Still, it'd be unfair to place all the blame on the government for such transgressions against the truth. The press itself has to take some responsibility. Compare, for example, the questions at the fake FEMA presser with the recent admission by New York Times Magazine Editor Gerald Marzorati and reporter Deborah Solomon that Solomon had from time to time rewritten questions published in her magazine interviews after the interview took place or inserted new ones "retroactively" to better match an answer.
Small potatoes, perhaps, but we in the media too often have surrendered our responsibility to tell the truth squarely and give the public what it needs to know. A free republic depends on journalism, but too often, as the great reporter A.J. Liebling once said, the press is "the weak slat under the bed of democracy."
Monday's New York Times reported a study on coverage of domestic political news during the first half of this year, conducted by the Project for Excellence in Journalism, the Pew Research Center and the Joan Shorenstein Center on the Press, Politics and Public Policy at Harvard's Kennedy School.
The study found that two-thirds of all political stories, in print, on-line, and via TV and radio, concentrated on the campaign horse races but only one percent examined candidates' public records. The Times noted, "Only 12 percent of stories seemed relevant to voters' decision making; the rest were more about tactics and strategy...
"The campaign coverage has been sharply at odds with what the public says it wants, the study found, with voters eager to know more about the candidates' positions on issues and their personal backgrounds, more about lesser-known candidates and more about debates."
Granted, what the public tells a pollster it wants and the reality can be two quite different things -- witness the obsession with Hillary Clinton's laugh or Rudy Giuliani's choice of high heels. And, too, the first priority of media in a capitalist society is to print, or show and tell, what sells.
Nonetheless, we have a duty too easily forgotten or misplaced, one made clear with remarkable prescience by the late Walter Lippmann, the ultimate Washington inside reporter who famously described journalism as the last refuge of the vaguely talented (Exhibit A: you're looking at him).
Princeton University Press has just reprinted Lippmann's 1920 book "Liberty and the News," with an afterword by journalist (and former Bill Clinton advisor) Sidney Blumenthal.

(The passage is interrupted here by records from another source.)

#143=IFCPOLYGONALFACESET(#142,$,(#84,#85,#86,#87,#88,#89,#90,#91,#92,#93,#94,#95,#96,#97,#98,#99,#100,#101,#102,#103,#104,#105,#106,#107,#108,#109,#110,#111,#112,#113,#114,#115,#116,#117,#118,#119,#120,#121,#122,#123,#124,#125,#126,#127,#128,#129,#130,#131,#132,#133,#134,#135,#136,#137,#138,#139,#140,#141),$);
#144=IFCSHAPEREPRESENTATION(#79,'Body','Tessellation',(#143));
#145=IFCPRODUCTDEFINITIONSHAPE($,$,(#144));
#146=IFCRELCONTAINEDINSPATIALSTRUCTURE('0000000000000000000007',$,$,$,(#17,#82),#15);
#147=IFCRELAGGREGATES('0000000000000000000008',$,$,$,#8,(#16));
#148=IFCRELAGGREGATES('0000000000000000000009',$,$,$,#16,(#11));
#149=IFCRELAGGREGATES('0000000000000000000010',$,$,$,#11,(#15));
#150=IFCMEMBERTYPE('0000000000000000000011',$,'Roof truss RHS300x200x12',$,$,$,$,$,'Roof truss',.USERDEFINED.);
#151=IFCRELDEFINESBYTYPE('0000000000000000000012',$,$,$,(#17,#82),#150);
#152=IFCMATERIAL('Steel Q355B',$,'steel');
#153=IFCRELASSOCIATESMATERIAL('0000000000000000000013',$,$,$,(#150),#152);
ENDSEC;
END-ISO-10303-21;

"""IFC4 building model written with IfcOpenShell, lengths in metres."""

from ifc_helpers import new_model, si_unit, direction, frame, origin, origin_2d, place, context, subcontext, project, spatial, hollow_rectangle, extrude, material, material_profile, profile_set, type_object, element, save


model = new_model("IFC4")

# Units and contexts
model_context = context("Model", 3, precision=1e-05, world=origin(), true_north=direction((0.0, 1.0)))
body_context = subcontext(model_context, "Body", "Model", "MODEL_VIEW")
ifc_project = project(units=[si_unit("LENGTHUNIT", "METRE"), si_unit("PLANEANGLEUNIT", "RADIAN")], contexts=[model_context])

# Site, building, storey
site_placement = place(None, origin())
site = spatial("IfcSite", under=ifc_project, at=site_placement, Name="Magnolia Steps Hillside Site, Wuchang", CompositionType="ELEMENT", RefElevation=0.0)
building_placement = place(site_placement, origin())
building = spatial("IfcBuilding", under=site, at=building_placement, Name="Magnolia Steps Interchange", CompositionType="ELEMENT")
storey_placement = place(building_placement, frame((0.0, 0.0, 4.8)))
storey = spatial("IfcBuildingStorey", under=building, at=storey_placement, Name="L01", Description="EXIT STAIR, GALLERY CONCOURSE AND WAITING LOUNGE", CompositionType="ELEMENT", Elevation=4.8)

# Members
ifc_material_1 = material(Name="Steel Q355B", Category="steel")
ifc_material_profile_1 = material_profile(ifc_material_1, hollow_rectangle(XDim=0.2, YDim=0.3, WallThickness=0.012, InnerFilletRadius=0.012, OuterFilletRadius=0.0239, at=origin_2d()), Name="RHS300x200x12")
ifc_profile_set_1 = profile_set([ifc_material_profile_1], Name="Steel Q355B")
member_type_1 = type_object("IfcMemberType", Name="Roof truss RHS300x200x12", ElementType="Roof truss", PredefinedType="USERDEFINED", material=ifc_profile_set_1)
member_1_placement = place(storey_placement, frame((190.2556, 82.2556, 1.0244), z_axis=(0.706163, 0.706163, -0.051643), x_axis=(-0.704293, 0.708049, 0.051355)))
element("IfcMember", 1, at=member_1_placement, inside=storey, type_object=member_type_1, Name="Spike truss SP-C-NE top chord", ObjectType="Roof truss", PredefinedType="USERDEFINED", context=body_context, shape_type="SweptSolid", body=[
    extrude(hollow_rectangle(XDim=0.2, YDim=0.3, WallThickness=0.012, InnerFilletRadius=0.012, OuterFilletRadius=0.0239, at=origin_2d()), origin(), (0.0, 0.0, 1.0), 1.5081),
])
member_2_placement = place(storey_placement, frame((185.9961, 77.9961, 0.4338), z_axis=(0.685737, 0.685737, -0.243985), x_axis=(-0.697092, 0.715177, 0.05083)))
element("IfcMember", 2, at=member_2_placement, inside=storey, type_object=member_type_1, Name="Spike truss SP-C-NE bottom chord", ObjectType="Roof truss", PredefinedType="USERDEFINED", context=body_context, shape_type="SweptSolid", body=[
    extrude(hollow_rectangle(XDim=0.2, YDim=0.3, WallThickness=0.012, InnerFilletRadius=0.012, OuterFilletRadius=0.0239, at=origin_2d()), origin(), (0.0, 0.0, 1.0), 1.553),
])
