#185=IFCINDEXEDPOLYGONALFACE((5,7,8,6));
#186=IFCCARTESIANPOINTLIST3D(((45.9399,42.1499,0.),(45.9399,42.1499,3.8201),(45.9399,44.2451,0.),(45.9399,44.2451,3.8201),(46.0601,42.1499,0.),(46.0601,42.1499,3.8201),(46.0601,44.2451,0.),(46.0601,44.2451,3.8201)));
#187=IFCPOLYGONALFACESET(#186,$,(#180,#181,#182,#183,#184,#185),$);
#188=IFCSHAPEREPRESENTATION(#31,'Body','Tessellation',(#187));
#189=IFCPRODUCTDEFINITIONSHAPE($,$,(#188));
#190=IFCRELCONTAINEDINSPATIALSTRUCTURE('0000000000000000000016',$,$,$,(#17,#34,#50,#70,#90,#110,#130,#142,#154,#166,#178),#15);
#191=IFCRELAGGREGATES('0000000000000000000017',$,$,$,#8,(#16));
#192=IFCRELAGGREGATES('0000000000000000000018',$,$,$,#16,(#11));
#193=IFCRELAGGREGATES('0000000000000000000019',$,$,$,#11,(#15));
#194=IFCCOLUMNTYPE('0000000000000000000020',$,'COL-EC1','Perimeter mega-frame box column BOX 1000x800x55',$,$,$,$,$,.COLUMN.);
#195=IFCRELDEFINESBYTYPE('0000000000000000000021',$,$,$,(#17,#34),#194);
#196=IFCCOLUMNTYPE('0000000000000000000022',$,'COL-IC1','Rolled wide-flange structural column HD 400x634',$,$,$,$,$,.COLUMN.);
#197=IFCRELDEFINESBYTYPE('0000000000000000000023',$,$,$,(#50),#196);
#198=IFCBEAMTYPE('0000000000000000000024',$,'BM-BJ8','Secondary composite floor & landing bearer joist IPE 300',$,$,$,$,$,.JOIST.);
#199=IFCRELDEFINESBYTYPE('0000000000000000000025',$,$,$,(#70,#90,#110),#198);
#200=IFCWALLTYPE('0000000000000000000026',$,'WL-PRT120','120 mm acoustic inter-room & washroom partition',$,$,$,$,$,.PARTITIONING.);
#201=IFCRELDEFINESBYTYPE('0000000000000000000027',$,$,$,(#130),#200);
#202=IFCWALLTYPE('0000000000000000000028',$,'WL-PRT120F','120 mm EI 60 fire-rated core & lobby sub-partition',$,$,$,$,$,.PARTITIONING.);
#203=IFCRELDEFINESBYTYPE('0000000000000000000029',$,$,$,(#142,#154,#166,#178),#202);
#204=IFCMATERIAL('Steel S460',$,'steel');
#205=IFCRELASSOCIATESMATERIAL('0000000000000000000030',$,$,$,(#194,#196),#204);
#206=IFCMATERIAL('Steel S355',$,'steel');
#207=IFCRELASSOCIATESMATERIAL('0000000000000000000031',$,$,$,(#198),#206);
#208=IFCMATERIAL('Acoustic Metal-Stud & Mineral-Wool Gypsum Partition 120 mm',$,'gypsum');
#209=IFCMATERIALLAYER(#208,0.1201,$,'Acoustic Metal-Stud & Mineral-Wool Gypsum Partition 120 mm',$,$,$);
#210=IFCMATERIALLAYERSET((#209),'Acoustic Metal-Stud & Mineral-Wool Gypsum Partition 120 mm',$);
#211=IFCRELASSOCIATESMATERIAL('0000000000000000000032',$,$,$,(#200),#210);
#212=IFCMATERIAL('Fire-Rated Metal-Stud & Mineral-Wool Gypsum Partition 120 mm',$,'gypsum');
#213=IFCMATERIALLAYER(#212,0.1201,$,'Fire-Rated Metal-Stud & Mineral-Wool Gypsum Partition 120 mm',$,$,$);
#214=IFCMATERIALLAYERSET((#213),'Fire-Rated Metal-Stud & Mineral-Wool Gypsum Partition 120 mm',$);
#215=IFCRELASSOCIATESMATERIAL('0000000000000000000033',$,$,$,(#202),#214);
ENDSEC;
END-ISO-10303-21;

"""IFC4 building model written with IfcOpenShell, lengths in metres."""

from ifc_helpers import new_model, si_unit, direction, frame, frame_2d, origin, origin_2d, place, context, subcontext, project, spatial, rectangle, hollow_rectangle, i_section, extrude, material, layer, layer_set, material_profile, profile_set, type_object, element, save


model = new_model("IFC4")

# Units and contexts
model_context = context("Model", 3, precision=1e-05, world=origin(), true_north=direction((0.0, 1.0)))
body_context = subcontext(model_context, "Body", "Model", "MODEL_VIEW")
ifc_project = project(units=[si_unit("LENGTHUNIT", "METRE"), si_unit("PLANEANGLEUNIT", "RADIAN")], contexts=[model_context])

Lippmann wrote, "In an exact sense the present crisis of western democracy is a crisis of journalism... Everywhere today, men are conscious that somehow they must deal with questions more intricate than any that church or school had prepared them to understand. Increasingly they know that they cannot understand them if the facts are not quickly and steadily available...
"All that the sharpest critics of democracy have alleged is true, if there is no steady supply of trustworthy and relevant news. Incompetence and aimlessness, corruption and disloyalty, panic and ultimate disaster, must come to any people which is denied an assured access to the facts."
We've been denied too long. The results are painfully clear to see.
Michael Winship, Writers Guild of America Award winner and former writer with Bill Moyers, writes this weekly column for the Messenger Post Newspapers in upstate New York.
copyright 2007 Michael Winship

10 Comments so far
Show All"...The first priority of media in a capitalist society is to print, or show and tell, what sells."
Is it possible there is something innately corrosive about that model?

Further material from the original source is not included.